New regime wins for your husband currently — by Rs 14,000-16,000/year. His situation: basic Rs 5.88L (42% of CTC). Trust EPF 12% = Rs 70,560. 80C: Rs 70,560 EPF + Rs 79,440 insurance = Rs 1.5L (fully utilized). HRA = min(Rs 2.35L at 40%, Rs 1.44L - Rs 58,800 = Rs 85,200, Rs 2.35L) = Rs 85,200. 80D Rs 25K (self only).

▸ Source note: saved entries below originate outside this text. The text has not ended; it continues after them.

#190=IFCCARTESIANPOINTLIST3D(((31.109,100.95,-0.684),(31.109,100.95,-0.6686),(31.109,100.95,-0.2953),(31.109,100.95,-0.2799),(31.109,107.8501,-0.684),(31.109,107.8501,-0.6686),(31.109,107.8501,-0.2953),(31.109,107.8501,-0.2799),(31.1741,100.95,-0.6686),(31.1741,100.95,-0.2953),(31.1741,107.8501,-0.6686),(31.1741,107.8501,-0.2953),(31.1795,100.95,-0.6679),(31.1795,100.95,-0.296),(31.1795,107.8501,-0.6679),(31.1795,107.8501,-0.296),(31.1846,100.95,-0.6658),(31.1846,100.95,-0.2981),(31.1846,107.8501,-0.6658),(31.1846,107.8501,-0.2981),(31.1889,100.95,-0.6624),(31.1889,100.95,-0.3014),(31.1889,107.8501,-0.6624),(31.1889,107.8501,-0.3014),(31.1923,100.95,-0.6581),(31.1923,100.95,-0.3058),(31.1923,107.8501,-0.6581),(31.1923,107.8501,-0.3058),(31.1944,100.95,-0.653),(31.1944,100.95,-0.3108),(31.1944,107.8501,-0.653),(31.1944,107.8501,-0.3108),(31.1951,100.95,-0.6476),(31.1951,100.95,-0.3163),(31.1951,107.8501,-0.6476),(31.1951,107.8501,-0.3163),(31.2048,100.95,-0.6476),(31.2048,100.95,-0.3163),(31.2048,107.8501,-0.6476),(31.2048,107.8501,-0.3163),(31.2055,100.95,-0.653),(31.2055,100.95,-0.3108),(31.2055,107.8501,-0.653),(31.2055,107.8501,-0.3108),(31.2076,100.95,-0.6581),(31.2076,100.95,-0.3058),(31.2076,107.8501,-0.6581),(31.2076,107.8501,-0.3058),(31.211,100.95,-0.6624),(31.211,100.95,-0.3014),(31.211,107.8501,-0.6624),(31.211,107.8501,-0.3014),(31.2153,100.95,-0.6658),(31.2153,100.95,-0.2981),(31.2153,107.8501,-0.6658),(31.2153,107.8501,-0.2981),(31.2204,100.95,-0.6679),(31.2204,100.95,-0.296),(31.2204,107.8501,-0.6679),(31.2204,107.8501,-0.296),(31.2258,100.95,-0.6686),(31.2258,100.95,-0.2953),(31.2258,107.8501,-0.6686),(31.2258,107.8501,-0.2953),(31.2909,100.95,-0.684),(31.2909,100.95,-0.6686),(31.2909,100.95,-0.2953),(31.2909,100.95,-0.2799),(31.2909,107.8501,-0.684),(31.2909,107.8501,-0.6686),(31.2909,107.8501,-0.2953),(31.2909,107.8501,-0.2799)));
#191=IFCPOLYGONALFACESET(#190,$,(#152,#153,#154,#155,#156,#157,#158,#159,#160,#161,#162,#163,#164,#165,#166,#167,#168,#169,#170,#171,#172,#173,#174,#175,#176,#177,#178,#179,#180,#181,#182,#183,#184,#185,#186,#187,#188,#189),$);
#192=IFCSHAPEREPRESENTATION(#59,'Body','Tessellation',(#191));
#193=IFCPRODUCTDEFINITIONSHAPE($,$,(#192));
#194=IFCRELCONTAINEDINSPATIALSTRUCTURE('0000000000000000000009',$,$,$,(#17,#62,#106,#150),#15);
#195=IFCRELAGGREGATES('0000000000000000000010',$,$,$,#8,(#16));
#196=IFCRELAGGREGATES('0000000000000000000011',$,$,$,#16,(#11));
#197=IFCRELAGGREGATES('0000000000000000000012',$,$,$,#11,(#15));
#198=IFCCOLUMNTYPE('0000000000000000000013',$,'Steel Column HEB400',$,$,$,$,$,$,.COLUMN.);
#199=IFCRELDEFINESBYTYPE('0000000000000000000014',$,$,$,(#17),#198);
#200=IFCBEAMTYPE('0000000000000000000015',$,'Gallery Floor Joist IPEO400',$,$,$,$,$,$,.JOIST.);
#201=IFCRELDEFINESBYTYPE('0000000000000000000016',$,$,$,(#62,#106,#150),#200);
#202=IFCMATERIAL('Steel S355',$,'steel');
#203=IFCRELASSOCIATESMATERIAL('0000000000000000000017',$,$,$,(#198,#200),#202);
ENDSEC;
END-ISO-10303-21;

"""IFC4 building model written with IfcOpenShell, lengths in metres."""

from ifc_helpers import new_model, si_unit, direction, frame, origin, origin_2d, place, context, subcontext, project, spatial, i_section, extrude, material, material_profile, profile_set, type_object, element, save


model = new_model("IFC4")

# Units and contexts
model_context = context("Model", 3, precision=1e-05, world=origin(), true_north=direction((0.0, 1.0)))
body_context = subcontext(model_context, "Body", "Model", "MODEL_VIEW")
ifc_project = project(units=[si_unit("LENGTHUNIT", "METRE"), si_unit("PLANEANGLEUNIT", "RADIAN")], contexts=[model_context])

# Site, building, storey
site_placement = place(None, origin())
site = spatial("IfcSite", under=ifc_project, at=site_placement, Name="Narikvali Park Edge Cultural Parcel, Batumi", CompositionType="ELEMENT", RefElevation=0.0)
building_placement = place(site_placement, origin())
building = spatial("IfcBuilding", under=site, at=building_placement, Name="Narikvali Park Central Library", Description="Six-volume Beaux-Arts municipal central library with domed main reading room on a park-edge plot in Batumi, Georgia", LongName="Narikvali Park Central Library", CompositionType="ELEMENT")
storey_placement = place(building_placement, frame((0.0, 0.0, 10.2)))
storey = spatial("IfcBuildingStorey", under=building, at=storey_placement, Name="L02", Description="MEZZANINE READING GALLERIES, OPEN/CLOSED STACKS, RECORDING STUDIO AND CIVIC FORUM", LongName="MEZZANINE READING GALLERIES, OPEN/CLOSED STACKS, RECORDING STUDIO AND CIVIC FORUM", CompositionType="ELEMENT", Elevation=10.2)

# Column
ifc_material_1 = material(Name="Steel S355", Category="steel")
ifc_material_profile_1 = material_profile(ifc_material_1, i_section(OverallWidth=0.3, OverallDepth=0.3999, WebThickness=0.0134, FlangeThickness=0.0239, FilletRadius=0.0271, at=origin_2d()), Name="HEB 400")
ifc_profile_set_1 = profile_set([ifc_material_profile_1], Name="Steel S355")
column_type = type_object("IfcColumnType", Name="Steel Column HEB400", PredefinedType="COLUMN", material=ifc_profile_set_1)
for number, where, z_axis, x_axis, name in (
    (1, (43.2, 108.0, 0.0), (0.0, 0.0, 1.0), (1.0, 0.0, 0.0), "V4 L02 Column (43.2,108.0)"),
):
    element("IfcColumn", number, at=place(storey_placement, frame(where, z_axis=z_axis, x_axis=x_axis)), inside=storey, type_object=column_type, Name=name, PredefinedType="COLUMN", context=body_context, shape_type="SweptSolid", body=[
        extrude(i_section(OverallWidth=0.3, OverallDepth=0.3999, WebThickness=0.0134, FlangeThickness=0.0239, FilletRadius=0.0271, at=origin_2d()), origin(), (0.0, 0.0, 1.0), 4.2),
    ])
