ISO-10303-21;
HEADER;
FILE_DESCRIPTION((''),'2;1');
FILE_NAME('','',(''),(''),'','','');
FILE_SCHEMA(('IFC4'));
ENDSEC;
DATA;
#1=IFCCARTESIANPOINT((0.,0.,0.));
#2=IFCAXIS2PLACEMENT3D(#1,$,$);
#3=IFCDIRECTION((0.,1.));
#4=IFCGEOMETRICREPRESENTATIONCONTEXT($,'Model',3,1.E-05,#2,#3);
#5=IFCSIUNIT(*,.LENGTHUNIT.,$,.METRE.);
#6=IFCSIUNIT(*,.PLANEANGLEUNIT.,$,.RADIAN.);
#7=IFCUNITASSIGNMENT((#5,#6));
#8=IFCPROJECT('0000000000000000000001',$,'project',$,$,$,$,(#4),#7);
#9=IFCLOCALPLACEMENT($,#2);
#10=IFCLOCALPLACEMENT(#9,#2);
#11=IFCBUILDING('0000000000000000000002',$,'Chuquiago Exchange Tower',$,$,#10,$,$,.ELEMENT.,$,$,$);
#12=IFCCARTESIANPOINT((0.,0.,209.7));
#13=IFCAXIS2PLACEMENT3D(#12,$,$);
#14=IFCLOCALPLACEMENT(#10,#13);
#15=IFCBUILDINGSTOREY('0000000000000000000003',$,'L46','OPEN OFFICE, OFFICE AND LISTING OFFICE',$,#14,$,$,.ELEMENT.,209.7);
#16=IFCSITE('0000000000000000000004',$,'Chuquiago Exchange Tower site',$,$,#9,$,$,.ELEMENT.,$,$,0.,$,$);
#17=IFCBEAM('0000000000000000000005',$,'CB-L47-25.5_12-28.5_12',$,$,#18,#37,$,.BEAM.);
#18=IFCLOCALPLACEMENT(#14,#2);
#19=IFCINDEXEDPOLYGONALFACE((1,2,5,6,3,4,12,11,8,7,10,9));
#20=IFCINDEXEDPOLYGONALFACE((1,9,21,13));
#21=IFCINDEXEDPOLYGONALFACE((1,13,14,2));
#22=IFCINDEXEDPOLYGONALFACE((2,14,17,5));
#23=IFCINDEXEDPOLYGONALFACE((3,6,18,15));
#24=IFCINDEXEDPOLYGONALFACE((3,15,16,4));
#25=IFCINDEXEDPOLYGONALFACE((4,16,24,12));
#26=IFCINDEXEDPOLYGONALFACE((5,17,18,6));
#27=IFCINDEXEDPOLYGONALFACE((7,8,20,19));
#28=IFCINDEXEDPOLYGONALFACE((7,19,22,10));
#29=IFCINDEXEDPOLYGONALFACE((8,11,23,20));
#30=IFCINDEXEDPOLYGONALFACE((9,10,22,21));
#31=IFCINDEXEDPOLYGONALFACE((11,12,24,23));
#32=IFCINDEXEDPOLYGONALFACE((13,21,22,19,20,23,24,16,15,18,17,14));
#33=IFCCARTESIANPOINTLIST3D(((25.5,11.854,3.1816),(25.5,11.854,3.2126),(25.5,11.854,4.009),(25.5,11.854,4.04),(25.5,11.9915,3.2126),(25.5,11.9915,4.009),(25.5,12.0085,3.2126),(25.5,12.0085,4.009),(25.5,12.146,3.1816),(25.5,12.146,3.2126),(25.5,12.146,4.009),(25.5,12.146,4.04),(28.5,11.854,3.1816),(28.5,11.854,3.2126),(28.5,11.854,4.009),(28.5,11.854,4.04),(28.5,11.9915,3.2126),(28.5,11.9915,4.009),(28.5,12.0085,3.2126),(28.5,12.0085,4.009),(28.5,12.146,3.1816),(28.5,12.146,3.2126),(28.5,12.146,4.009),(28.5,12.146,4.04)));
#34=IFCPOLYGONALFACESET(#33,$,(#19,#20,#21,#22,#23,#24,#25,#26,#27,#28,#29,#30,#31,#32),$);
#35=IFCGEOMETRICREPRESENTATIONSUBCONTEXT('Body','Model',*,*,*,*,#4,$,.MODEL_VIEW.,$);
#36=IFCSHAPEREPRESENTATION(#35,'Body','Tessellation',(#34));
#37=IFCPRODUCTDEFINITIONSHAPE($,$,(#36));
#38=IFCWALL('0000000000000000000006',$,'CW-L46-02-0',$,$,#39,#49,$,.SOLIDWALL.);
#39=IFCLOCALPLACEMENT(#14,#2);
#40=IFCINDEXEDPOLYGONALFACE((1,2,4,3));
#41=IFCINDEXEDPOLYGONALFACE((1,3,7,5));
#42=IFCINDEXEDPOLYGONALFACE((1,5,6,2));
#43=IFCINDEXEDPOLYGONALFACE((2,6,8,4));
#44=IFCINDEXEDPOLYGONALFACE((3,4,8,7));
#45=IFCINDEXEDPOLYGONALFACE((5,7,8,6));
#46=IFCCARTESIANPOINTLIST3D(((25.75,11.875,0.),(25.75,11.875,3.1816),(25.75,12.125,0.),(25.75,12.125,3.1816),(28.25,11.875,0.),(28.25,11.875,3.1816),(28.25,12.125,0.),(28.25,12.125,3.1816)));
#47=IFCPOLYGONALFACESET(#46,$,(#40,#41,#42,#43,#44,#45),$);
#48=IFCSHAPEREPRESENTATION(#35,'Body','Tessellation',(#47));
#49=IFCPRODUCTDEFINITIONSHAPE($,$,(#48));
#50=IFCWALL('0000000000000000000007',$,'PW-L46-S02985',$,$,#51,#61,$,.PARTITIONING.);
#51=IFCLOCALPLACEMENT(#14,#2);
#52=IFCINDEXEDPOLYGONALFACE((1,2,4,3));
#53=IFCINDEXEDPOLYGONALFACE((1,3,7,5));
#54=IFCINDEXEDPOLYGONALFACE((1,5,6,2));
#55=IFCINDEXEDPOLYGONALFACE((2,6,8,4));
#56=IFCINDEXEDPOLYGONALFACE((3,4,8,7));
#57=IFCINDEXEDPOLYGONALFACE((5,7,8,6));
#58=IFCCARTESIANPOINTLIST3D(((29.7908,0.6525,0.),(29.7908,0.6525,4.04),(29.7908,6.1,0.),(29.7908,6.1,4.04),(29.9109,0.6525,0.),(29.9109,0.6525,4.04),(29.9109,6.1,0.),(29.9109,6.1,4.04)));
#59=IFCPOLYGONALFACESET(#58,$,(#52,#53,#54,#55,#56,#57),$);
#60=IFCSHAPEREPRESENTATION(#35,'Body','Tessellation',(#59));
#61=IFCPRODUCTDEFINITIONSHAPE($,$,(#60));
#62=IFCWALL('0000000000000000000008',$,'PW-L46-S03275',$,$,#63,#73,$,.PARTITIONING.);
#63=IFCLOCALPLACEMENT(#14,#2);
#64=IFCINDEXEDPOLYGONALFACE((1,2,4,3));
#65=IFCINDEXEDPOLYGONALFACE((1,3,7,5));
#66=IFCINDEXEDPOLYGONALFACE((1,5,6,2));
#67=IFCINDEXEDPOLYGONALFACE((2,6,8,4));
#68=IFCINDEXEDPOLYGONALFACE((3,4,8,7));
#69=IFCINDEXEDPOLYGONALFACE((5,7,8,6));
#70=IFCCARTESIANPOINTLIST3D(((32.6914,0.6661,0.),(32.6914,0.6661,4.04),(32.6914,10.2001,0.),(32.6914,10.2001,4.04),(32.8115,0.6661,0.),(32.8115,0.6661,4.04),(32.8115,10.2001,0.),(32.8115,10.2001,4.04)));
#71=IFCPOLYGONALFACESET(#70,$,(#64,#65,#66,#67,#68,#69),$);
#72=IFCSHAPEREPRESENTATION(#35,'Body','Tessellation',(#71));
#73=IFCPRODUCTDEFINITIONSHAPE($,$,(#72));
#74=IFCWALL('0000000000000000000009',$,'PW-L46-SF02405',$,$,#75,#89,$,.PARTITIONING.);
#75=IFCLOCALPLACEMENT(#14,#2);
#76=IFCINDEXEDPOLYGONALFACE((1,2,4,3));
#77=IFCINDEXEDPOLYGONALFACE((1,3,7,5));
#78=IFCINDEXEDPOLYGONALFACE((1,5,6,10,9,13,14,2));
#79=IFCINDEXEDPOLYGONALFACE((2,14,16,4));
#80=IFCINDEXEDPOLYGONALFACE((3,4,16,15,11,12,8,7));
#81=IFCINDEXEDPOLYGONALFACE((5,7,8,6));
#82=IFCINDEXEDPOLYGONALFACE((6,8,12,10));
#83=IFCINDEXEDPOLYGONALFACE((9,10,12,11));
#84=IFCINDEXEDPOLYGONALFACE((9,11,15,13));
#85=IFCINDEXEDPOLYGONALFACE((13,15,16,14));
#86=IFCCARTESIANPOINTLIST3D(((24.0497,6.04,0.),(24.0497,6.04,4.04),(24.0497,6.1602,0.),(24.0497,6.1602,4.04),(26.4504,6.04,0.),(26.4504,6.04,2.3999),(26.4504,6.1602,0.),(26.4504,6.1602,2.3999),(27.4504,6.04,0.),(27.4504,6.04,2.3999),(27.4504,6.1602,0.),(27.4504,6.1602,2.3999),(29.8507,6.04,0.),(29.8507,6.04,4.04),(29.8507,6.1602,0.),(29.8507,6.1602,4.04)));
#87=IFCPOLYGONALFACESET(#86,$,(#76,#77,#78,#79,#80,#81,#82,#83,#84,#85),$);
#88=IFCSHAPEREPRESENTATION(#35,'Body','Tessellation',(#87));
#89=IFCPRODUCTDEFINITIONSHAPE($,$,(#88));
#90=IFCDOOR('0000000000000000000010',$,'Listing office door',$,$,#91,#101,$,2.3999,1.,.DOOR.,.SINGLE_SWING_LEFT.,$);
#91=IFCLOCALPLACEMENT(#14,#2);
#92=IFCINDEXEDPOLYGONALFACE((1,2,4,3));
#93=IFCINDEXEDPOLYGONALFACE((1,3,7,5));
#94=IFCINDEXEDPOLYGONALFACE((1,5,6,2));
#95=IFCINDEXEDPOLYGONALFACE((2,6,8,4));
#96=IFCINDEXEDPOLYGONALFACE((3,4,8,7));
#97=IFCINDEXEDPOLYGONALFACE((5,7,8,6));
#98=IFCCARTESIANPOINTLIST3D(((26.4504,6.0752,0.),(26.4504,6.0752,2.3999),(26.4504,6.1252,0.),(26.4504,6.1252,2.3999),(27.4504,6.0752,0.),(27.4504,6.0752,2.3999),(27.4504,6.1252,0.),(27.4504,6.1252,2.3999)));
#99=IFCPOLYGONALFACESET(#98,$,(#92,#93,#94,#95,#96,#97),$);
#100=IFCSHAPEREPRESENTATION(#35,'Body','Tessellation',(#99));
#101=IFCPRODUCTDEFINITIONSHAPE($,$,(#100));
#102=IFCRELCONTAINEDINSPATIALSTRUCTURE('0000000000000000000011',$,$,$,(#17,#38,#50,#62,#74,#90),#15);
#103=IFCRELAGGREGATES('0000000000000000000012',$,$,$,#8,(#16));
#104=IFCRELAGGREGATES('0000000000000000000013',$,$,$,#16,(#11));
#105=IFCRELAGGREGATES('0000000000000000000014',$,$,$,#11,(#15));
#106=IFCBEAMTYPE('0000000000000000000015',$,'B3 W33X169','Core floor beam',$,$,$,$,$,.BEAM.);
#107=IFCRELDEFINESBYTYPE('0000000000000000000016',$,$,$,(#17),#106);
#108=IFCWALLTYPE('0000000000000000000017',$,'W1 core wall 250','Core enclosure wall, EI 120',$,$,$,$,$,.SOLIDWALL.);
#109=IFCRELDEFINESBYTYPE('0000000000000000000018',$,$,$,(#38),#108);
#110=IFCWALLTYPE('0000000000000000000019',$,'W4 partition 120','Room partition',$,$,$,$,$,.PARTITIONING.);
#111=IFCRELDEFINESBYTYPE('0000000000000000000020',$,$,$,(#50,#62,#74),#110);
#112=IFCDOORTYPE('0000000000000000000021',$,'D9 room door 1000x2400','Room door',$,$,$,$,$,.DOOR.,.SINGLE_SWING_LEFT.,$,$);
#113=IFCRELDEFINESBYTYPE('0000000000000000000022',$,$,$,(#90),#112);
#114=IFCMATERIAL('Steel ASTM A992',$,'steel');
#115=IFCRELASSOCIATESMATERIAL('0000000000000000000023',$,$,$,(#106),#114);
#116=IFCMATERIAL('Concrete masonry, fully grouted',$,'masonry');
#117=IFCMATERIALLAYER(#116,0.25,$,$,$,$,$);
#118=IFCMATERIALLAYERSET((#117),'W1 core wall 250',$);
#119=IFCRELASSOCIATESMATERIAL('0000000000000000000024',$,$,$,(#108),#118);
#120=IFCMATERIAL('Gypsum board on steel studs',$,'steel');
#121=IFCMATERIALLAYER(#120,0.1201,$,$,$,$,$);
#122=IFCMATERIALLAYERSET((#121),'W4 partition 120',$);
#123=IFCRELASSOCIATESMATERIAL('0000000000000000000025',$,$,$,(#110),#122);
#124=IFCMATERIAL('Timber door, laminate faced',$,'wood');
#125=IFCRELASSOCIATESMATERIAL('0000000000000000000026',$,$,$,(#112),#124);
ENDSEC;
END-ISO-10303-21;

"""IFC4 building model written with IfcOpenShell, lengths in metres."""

from ifc_helpers import new_model, si_unit, direction, frame, frame_2d, origin, origin_2d, place, context, subcontext, project, spatial, rectangle, i_section, extrude, material, layer, layer_set, material_profile, profile_set, type_object, element, fill, save


model = new_model("IFC4")

# Units and contexts
model_context = context("Model", 3, precision=1e-05, world=origin(), true_north=direction((0.0, 1.0)))
body_context = subcontext(model_context, "Body", "Model", "MODEL_VIEW")
ifc_project = project(units=[si_unit("LENGTHUNIT", "METRE"), si_unit("PLANEANGLEUNIT", "RADIAN")], contexts=[model_context])

# Site, building, storey
site_placement = place(None, origin())
site = spatial("IfcSite", under=ifc_project, at=site_placement, Name="Chuquiago Exchange Tower site", CompositionType="ELEMENT", RefElevation=0.0)
building_placement = place(site_placement, origin())
building = spatial("IfcBuilding", under=site, at=building_placement, Name="Chuquiago Exchange Tower", CompositionType="ELEMENT")
storey_placement = place(building_placement, frame((0.0, 0.0, 209.7)))
storey = spatial("IfcBuildingStorey", under=building, at=storey_placement, Name="L46", Description="OPEN OFFICE, OFFICE AND LISTING OFFICE", CompositionType="ELEMENT", Elevation=209.7)

# Beam
ifc_material_1 = material(Name="Steel ASTM A992", Category="steel")
ifc_material_profile_1 = material_profile(ifc_material_1, i_section(OverallWidth=0.292, OverallDepth=0.8584, WebThickness=0.0171, FlangeThickness=0.031, at=origin_2d()), Name="W33X169")
ifc_profile_set_1 = profile_set([ifc_material_profile_1], Name="Steel ASTM A992")
beam_type_1 = type_object("IfcBeamType", Name="B3 W33X169", Description="Core floor beam", PredefinedType="BEAM", material=ifc_profile_set_1)
beam_1_placement = place(storey_placement, frame((25.5, 12.0, 3.6108), z_axis=(1.0, 0.0, 0.0), x_axis=(0.0, 1.0, 0.0)))
element("IfcBeam", 1, at=beam_1_placement, inside=storey, type_object=beam_type_1, Name="CB-L47-25.5_12-28.5_12", PredefinedType="BEAM", context=body_context, shape_type="SweptSolid", body=[
    extrude(i_section(OverallWidth=0.292, OverallDepth=0.8584, WebThickness=0.0171, FlangeThickness=0.031, at=origin_2d()), origin(), (0.0, 0.0, 1.0), 3.0),
])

Old regime: SD Rs 50K + HRA Rs 85,200 + 80C Rs 1.5L + 80D Rs 25K = Rs 3.102L. Old regime taxable: Rs 10.898L. Tax: Rs 12,500 + Rs 1,00,000 + Rs 26,940 (10-10.898L at 30%) = Rs 1,39,440 + cess = Rs 1,44,978. New regime: Rs 13.25L → Rs 1,05,000 + cess = Rs 1,09,200. New regime wins by Rs 35,778. Two actions to flip: Action 1 — Enroll in personal NPS Rs 50K: deductions Rs 3.602L → taxable Rs 10.398L → tax Rs 12,500 + Rs 1,00,000 + Rs 11,940 = Rs 1,24,440 + cess = Rs 1,29,418. New regime Rs 1,09,200 still wins by Rs 20,218. Action 2 — Add parents' 80D Rs 50K (total Rs 75K): deductions Rs 4.102L → taxable Rs 9.898L → tax Rs 12,500 + Rs 98,000 (5-9.898L at 20%) = Rs 1,10,500 + cess = Rs 1,14,920. New regime wins by Rs 5,720. Both actions together: Rs 4.602L → taxable Rs 9.398L → tax Rs 12,500 + Rs 87,960 = Rs 1,00,460 + cess = Rs 1,04,478. Old regime wins by Rs 4,722! NPS + senior parents' insurance (both) flip old regime to win. Recommend: (1) start NPS immediately — retirement security; (2) insure parents — medical protection; both together save Rs 4,722 in tax AND provide financial security.